UMG ANNOUNCES CLOSE OF SUCCESSFUL INITIAL OFFERING PERIOD AND PROVIDES FOR SUBSEQUENT OFFERING PERIOD IN ITS CASH TENDER OFFER
UNIVERSAL MUSIC GROUP ANNOUNCES CLOSE OF SUCCESSFUL INITIAL OFFERING PERIOD AND PROVIDES FOR SUBSEQUENT OFFERING PERIOD IN ITS CASH TENDER OFFER FOR EMUSIC.COM
Los Angeles, California – May 18, 2001 – Universal Music Group announced today that at the expiration of the initial offering period yesterday for all outstanding shares of common stock of EMusic.com, Inc. (Nasdaq: EMUS), its wholly owned subsidiary Universal Acquisition Corp. accepted for purchase all shares validly tendered and not withdrawn prior to the expiration of the offer at the price of $0.57 per share in cash. Based on preliminary information provided by American Stock Transfer & Trust Company, the depositary for the tender offer, prior to the expiration of the initial offering period at midnight, May 17, approximately 31,831,000 shares of EMusic common stock were tendered (including 4,526,000 shares tendered pursuant to procedures for guaranteed delivery) out of approximately 43,202,100 shares currently outstanding, or approximately 73.7% of all outstanding shares.

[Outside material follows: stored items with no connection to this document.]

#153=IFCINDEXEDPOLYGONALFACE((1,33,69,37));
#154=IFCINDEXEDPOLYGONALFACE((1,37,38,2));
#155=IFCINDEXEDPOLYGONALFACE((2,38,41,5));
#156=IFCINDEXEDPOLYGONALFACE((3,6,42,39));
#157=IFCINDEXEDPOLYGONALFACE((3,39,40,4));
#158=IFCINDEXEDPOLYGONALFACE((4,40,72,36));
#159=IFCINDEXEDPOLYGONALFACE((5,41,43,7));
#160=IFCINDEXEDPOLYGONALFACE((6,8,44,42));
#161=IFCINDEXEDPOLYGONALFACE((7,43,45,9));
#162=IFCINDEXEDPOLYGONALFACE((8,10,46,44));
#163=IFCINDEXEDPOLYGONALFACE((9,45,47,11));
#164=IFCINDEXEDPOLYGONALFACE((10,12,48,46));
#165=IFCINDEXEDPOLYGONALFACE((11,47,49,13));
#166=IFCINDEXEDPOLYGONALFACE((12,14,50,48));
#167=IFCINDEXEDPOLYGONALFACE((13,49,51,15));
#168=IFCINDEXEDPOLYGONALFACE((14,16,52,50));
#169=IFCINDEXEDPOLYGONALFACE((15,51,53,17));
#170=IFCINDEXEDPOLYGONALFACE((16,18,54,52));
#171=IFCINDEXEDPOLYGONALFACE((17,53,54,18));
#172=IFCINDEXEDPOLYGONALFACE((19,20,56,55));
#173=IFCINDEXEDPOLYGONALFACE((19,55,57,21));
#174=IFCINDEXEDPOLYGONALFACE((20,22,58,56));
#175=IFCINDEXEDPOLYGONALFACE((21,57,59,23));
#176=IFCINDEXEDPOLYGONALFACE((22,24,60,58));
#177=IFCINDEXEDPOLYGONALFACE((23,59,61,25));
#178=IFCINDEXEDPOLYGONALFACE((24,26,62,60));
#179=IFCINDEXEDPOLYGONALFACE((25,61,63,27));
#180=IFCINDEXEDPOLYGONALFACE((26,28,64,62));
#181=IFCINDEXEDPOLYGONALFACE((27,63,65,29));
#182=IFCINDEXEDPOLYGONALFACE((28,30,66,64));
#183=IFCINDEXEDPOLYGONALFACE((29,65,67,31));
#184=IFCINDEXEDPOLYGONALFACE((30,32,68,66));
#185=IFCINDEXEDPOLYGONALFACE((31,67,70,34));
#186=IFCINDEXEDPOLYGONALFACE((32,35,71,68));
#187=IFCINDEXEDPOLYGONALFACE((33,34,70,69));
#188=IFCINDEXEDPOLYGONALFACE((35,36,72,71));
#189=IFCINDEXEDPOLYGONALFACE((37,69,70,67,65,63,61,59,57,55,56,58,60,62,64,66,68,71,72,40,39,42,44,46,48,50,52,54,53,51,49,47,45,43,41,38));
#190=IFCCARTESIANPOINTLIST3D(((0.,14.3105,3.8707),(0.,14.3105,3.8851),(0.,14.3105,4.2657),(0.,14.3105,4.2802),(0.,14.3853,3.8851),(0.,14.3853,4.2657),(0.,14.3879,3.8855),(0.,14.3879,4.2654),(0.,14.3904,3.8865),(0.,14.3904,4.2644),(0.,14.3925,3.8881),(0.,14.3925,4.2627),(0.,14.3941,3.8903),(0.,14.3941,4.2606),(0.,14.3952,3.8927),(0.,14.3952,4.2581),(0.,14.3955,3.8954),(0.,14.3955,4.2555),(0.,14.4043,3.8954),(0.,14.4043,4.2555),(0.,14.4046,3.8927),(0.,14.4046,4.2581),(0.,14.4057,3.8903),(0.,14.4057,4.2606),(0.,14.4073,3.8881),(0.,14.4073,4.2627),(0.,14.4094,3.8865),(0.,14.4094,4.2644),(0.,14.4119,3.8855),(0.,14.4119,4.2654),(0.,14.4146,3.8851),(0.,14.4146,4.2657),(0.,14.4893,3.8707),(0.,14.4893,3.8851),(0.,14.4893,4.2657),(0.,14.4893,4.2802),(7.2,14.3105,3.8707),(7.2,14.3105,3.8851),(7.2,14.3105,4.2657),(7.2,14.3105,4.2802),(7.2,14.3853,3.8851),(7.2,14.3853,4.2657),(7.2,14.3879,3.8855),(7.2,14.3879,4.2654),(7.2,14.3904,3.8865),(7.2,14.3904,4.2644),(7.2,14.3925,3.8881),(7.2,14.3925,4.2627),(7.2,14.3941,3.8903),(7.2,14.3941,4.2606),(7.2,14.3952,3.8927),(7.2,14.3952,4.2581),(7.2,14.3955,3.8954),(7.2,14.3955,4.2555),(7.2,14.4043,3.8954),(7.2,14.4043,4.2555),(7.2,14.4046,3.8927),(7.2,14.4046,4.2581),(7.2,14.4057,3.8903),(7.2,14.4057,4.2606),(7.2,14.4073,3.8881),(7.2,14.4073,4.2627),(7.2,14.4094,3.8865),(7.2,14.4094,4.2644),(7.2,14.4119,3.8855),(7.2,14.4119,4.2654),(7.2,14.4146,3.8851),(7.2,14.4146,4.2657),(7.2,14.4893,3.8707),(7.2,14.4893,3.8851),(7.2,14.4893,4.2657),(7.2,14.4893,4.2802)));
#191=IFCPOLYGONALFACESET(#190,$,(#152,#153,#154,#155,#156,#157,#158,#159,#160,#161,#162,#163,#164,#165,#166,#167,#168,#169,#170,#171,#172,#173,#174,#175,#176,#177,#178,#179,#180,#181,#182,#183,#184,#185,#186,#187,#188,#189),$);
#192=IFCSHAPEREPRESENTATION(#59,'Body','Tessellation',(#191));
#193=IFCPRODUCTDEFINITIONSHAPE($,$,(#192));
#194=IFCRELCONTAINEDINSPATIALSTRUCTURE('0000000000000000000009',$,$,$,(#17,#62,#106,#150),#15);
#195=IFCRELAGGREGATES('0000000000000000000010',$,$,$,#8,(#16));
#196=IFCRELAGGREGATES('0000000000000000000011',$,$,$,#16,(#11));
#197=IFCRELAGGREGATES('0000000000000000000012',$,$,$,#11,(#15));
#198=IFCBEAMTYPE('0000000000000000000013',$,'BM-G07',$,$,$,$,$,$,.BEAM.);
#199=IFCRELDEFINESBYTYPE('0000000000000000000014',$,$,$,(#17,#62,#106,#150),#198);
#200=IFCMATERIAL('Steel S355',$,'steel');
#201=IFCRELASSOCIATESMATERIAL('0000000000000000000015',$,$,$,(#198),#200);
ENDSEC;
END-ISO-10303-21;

Universal Music Group also announced that Universal Acquisition Corp. has elected to provide for a subsequent offering period of ten business days, commencing immediately, with a scheduled expiration of 5:00 p.m. New York City time on Friday, June 1, 2001. All shares properly tendered during the subsequent offering period will be accepted, and tendering stockholders shall receive the same price of $0.57 per share in cash. No shares tendered in the initial offering period or in the subsequent offering period may be withdrawn after tender.
Shares properly tendered during the subsequent offering period will be immediately accepted and promptly paid after such acceptance. Payment for shares tendered during the initial offering period and accepted will be made as promptly as practicable and, in the case of shares tendered by guaranteed delivery procedures, promptly after timely delivery of shares and required documentation. None of the conditions of the Universal Music Group tender offer that were applicable to the initial offering period will be applicable to the subsequent offering period.
As previously announced, if Universal Acquisition Corp. acquires, through the initial tender offer and the subsequent offering period, 80% or more of the outstanding shares, under its Merger Agreement with EMusic, Universal Acquisition Corp. has the right to acquire from EMusic that number of shares (at $0.57 per share) which will, when added to the shares previously acquired, give it 90% of the total outstanding shares of EMusic. That level of ownership would then allow Universal Acquisition Corp. to effect a “short-form” merger under Delaware law without action by any other stockholder. If Universal Acquisition Corp. does not acquire the shares necessary to reach the 90% level, it intends to seek approval of a merger by a vote of stockholders held at a duly noticed meeting, where it will be able to approve the merger without the vote of any other stockholder. On the consummation of either a short-form or other merger, each remaining share of EMusic’s stock will be converted into the right to receive $0.57 in cash and EMusic will become a wholly owned indirect subsidiary of Universal Music Group.
Since it was founded in January 1998, EMusic has established itself at the forefront of how music will be discovered, delivered and enjoyed in the next decade. In addition to having the Internet’s leading downloadable music subscription service, EMusic operates one of the most popular families of music-oriented Web sites — including RollingStone.com, EMusic.com and DownBeat.com. The company is based in Redwood City, California, with regional offices in Chicago, Los Angeles and New York.
Universal Music Group is the world’s leading music company with wholly owned record operations or licensees in 63 countries around the world. Its businesses also include Universal Music Publishing Group, one of the industry’s largest global music publishing operations. Universal Music Group consists of record labels A&M Records, Decca Record Company, Deutsche Grammophon, Geffen Records, Interscope Records, Island Def Jam Music Group, MCA Nashville, MCA Records, Mercury Records, Motown Records, Philips, Polydor, Universal Records, and Verve Music Group as well as a multitude of record labels owned or distributed by its record company subsidiaries around the world. The Universal Music Group owns the most extensive catalog of music in the industry which is marketed through two distinct divisions, Universal Music Enterprises (in the U.S.) and UM3 (outside the U.S.).
Universal Music Group is a unit of Vivendi Universal, a global media and communications company.